There's a choice of four paint schemes, the most distinctive being the single-tone ‘red by (RED)’ option. Go for one of the other colours (Ice White, Onyx Black or Mineral Grey) and you still get red door mirrors and badging at the front, rear and in the centre of the steering wheel.
Inside, the dashboard is also painted in the charity’s signature red, and you get a contrasting driver’s seat in red while the others are in black. There’s a red anodised aluminium accelerator pedal, too, while owners also receive an e-mail from Fiat boss Olivier Francois welcoming them to the (RED) community.
The (500)RED was unveiled in September 2021 at the opening of a new exhibition at Fiat's historic Lingotto factory in Turin. It’s offered in the same range of configurations as the regular electric 500, including hatchback or convertible bodystyles and a choice of either a 24 or 42kWh battery, for a range of 115 and 199 miles respectively.
Prices for the (500)RED hatchback with the 24kWh battery start from £22,995 after the government’s plug-in car grant (PiCG), while those fitted with the 42kWh unit are priced from £25,995 after the £2,500 grant has been deducted. The convertible (500)RED is only available with the larger battery, and starts from £28,645.
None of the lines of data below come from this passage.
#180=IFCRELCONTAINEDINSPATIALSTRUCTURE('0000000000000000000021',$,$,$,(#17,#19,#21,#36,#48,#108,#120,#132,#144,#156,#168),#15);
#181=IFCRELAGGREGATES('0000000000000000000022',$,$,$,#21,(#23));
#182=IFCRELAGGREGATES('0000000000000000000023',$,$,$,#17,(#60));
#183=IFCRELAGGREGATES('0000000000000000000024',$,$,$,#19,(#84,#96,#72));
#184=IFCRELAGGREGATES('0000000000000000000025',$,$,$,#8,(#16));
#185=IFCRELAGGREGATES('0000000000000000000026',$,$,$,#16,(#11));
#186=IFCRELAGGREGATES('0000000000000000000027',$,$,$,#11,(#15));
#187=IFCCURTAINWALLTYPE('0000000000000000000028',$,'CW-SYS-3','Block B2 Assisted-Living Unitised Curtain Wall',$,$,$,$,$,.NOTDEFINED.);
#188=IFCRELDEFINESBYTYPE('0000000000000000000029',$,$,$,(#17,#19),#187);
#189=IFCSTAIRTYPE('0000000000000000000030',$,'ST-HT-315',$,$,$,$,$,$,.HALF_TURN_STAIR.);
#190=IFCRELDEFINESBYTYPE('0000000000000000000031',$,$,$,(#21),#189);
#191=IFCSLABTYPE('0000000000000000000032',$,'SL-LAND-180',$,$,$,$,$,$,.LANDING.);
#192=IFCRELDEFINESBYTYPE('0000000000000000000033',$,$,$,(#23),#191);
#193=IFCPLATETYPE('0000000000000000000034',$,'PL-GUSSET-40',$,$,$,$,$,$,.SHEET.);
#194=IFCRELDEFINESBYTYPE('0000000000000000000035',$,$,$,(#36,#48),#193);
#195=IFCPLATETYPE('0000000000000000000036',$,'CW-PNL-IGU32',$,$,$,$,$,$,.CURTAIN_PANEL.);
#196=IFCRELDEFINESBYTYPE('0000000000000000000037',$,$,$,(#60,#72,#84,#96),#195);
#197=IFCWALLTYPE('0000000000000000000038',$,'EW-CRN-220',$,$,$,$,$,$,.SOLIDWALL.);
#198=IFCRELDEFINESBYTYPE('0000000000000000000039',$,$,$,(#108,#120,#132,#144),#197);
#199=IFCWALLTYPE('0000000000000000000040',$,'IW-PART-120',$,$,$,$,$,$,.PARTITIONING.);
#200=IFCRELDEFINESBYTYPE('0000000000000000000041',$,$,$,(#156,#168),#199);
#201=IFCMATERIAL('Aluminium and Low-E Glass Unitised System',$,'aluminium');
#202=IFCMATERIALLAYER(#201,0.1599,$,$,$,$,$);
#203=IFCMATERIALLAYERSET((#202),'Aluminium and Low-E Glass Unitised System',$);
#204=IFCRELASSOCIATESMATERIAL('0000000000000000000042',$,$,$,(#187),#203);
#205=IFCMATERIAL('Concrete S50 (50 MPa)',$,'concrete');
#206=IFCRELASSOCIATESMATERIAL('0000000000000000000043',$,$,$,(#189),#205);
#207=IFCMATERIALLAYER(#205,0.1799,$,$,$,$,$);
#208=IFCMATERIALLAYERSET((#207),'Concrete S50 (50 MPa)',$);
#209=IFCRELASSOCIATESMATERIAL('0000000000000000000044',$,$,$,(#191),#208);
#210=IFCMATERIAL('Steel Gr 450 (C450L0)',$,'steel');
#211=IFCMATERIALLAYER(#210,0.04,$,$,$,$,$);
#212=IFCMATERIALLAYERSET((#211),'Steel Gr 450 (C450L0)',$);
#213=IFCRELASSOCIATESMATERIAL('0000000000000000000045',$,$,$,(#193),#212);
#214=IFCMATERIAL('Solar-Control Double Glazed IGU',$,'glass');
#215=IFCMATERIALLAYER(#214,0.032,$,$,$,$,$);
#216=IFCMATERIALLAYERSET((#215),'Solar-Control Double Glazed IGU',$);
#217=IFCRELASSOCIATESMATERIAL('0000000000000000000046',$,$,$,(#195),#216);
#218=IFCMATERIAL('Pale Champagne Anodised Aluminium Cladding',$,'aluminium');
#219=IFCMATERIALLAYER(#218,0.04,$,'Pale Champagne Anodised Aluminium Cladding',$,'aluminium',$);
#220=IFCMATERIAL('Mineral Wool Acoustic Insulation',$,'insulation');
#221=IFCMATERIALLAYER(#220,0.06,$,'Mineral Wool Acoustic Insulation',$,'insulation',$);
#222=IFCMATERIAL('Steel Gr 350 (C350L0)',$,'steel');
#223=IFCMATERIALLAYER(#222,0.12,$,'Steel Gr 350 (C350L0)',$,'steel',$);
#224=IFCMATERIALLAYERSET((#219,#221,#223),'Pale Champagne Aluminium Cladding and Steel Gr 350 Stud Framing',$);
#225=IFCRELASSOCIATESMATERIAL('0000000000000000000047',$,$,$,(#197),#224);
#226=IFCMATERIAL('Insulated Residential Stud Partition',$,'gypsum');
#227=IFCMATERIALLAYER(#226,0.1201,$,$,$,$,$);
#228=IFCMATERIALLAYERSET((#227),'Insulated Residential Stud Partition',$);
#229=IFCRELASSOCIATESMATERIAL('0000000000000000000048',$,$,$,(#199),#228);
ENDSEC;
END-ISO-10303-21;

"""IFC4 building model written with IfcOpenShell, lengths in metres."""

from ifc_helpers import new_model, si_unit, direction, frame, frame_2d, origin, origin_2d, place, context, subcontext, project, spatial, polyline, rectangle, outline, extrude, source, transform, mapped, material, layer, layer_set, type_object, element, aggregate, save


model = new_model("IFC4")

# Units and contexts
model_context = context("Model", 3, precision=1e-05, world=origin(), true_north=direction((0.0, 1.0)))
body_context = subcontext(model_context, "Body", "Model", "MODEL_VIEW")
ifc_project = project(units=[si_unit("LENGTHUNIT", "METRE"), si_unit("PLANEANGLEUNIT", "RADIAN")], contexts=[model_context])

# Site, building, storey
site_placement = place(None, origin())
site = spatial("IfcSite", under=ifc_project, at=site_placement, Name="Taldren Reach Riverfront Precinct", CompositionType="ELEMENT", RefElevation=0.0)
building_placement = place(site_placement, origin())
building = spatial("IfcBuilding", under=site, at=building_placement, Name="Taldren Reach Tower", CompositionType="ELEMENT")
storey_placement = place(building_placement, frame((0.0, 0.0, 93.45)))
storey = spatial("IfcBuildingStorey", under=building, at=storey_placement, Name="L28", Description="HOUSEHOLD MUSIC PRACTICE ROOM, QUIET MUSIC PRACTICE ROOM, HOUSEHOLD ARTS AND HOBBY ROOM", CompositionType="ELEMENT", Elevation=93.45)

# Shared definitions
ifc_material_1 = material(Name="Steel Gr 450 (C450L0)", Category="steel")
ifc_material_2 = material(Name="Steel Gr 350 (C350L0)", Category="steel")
The third-generation 500 was launched in 2020 and is electric-only. The range starts from £20,995 after the plug-in car grant has been deducted, stretching to £27,995 for the range-topping La Prima. Prices for the convertible version run from £28,645 to £30,995 (more trim-level details below).
There'll be no petrol-engined version of this third-generation Fiat 500, although the mild-hybrid version of the previous-generation model remains on sale and is also available in (RED) trim. A high-performance Abarth version of the electric 500 hasn't been ruled out, although there are no official plans for one at this stage.
In Europe, Fiat offers an '3+1' version of the electric 500, with a small rear-hinged back door on one side only that gives easier access to the back seats. This version is currently available in left-hand-drive markets only; it weighs just 30kg more than the standard car, but there's no impact on range.
New Fiat 500 electric: prices, specs, batteries, range and charging
The electric Fiat 500 range kicks off with the hatchback-only Action trim level, priced at an eye-catching £20,995 after the plug-in car grant. It comes with a 24kWh battery and a 94bhp electric motor for a top speed of 84mph. The 0-62mph sprint takes 9.5 seconds, while Fiat claims a driving range of 115 miles for this model.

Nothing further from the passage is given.